La nouveauté introduite dans la politique transalpine par les deux partis est la rédaction d’un « contrat pour le gouvernement du changement ». Ce contrat devra régler les rapports de la coalition et donner les directives pour les politiques à mener pendant la législature.

Y sont incluses les propositions majeures des deux mouvements : au-delà du revenu de citoyenneté et de la flat tax, la réforme (à la baisse) des retraites, une politique d’immigration et de rapatriements « sans rabais », le gel de la hausse de la TVA (mesure automatique de sauvegarde des comptes publics) et la révision des investissements sur les grands travaux infrastructurelles (Di Maio a déjà annoncé que la construction de la voie ferrée pour le TGV Turin-Lyon était désormais inutile ). Il n’aura pas échappé aux observateurs avertis que ces mesures ont un coût considérable. Malheureusement, la grande inconnue de cette équation reste les ressources pour les financer.

L’obstacle de la dette publique

La dette italienne s’élève à plus de 130% du PIB. Dans le discours public, cependant, ce problème semble avoir disparu. Dans une situation de contraintes budgétaires élevées, la coalition qui s’apprête à prendre la relève de l’exécutif italien ne semble pas garantir la viabilité du budget.

Une estimation de l’Observatoire des Comptes Publics Italiens a repéré dans le contrat de gouvernement des dépenses pour un total de 108-125  Md€ en contrepartie d’à peine 500 M€ de couvertures financières. Pas de surprise, donc, si en ajoutant une (potentielle) irresponsabilité politique à une situation budgétaire précaire et de croissance économique faible, la troisième économie de la zone euro semble bel et bien être le « malade d’Europe ».

Toutefois, nous pouvons affirmer qu’au cours des vingt dernières années, l’Italie n’a pas été le plus grand dépensier. Son solde primaire (c’est-à-dire décomptant les intérêts sur la dette) était constamment en surplus (sauf en 2009), performance sans équivalent dans la zone euro.

Le « boulet » italien, hélas, trouve son origine dans les années 1980 et se matérialise sous la forme d’un énorme stock de dette publique.

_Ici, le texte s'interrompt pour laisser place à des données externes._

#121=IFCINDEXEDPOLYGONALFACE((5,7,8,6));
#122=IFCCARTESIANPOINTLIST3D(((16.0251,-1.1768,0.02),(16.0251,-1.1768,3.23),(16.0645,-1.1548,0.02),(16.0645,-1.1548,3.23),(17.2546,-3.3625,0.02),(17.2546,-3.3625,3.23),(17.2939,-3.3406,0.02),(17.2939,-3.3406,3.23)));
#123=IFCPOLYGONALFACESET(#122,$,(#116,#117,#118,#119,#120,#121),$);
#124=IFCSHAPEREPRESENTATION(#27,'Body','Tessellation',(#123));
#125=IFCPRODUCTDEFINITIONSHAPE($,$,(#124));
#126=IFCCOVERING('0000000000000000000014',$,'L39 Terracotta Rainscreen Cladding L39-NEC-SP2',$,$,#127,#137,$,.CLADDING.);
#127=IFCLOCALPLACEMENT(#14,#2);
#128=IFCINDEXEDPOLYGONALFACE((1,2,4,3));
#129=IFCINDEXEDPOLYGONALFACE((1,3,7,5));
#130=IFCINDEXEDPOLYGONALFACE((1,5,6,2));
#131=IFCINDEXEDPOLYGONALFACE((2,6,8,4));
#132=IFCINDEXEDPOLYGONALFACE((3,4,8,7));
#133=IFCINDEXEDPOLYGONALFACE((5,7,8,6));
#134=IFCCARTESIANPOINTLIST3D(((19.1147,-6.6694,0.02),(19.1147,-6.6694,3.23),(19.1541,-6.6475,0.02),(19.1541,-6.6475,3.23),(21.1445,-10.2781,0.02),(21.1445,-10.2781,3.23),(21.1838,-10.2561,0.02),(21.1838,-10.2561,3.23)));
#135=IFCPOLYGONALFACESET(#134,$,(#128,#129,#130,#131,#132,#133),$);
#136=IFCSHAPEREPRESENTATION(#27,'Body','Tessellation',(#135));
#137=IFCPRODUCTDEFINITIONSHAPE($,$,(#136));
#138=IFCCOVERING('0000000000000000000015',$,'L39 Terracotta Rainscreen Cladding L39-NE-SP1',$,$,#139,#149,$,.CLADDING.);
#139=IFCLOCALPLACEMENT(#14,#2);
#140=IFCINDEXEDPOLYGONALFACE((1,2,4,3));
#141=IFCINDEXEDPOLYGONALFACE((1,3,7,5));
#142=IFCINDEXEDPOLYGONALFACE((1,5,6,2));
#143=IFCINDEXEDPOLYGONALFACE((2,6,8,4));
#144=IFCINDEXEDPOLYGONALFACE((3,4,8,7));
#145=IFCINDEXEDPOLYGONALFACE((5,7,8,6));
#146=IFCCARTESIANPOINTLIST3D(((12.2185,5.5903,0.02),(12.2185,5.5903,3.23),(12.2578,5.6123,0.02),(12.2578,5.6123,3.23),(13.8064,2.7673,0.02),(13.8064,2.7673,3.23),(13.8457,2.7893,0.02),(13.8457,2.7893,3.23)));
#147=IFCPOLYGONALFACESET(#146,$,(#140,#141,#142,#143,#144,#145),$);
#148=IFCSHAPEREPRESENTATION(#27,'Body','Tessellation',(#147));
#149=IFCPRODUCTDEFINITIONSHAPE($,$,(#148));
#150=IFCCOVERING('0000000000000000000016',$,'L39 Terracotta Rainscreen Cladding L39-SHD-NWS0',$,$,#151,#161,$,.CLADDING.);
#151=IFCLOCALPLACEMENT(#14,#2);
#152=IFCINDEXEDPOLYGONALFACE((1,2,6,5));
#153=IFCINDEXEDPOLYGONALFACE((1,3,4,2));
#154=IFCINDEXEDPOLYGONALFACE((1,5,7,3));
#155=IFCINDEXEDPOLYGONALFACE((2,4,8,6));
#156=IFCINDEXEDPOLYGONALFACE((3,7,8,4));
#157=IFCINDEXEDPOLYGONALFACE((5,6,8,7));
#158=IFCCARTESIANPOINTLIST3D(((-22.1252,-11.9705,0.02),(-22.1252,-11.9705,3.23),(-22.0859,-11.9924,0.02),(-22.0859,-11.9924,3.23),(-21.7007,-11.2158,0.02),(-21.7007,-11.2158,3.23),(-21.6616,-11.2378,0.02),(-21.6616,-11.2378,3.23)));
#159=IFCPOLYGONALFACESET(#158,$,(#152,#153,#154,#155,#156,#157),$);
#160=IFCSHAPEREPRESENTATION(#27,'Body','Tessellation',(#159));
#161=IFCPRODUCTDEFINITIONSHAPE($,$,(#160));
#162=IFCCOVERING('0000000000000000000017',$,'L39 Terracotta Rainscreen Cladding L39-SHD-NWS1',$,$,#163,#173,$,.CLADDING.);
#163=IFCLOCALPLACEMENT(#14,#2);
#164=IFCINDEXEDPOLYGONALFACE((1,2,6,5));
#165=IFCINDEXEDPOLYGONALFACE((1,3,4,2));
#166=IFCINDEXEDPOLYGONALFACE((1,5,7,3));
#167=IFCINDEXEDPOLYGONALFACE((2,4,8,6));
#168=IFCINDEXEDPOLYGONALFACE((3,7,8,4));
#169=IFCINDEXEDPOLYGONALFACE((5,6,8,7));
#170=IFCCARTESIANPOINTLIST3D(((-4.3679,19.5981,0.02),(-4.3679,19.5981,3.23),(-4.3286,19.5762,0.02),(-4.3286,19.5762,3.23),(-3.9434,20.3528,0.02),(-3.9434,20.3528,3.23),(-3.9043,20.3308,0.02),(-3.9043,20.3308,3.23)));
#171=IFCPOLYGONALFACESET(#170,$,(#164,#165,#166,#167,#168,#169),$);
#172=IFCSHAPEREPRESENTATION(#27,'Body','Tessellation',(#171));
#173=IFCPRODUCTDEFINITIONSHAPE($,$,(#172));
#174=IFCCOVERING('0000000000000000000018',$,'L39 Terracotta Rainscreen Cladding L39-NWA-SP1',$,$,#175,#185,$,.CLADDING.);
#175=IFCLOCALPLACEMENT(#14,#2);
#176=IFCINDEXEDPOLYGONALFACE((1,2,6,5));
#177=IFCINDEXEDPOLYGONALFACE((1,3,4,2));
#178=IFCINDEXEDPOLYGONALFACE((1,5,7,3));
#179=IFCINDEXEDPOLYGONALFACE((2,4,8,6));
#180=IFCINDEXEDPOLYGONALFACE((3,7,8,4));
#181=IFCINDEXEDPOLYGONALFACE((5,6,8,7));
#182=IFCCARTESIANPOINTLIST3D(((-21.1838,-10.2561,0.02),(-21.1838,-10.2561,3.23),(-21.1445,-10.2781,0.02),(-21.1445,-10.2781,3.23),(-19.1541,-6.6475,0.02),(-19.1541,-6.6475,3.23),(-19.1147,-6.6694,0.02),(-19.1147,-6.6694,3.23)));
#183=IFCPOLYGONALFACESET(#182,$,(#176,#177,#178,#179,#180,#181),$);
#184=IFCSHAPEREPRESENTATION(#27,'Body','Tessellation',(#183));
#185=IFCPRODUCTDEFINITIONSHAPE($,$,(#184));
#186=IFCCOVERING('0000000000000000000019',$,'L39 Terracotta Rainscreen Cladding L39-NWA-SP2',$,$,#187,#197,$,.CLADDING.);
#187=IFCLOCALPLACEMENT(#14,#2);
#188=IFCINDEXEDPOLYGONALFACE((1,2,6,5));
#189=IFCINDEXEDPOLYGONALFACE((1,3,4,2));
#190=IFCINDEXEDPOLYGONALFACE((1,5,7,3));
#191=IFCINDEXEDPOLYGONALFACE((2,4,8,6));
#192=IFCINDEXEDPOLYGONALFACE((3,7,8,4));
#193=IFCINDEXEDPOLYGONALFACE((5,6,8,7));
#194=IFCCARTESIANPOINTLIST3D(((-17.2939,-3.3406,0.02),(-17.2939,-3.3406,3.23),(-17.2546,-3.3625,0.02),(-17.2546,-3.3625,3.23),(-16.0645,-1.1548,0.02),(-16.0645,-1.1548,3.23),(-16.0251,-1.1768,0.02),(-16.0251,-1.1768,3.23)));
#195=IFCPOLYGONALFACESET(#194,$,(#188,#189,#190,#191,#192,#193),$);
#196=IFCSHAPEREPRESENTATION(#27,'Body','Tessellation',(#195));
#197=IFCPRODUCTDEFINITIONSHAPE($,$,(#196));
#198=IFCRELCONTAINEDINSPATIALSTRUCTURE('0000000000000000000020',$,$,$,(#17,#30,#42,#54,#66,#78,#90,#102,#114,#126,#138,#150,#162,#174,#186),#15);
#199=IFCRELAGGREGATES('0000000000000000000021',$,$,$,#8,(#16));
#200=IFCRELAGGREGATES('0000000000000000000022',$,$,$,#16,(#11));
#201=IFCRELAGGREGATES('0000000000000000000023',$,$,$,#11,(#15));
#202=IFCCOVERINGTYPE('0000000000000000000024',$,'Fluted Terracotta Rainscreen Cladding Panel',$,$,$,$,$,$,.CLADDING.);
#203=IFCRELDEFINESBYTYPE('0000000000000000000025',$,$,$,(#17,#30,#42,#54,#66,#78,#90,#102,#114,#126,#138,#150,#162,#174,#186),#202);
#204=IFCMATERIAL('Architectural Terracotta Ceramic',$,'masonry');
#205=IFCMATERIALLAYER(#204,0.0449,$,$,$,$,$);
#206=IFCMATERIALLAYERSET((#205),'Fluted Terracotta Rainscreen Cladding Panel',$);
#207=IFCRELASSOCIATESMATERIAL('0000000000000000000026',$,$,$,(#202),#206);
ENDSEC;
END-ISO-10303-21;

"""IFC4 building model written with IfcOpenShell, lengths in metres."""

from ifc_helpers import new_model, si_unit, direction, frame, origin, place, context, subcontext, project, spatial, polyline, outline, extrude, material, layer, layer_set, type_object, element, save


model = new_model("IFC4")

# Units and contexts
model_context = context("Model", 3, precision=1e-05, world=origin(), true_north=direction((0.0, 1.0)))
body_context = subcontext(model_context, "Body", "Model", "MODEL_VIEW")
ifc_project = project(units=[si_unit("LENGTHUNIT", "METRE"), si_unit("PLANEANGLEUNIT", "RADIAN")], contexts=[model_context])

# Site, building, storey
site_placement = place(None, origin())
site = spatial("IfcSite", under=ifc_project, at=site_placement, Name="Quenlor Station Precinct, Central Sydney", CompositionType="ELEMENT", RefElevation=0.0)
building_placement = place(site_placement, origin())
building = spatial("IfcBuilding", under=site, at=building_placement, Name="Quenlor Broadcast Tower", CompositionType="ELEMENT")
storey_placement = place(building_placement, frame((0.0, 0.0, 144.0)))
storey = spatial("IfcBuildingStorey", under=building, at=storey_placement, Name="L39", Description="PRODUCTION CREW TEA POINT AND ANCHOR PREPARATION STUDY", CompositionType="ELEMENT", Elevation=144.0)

Mais avec le numérateur du ratio dette/PIB sous contrôle, la question centrale est de faire croître le dénominateur. Pour guérir le malade et relancer l’économie, il faudrait traiter sa pathologie chronique : la stagnation de la productivité.

Si l’Italie croît faiblement c’est aussi parce que la production par employé a diminué de 0,1% par an ces deux dernières décennies. Il s’agit d’une tendance décourageante, surtout en comparaison avec la progression annuelle sur la même période de 0,6 % en Espagne, de 0,7 % en Allemagne et de 0,8 % en France.

Le M5S et la Ligue ne proposent que peu de solutions à ce problème : quelques investissements productifs à destination des PME, de l’industrie du numérique et dans l’administration publique. Pourtant, ce que l’électorat attend, et que le gouvernement a promis de réaliser est la « liste des courses » précédemment citée. Et il a prévu de le faire, même si cela engendre un dépassement des paramètres européens de discipline budgétaire. Le bras de fer avec Bruxelles s’annonce donc serré.

Il apparaît donc que le gouvernement est prêt à dépenser imprudemment pour satisfaire une masse de promesses électorales et des objectifs discordants et incohérents, même si des traitements identiques se sont soldés par un échec par le passé.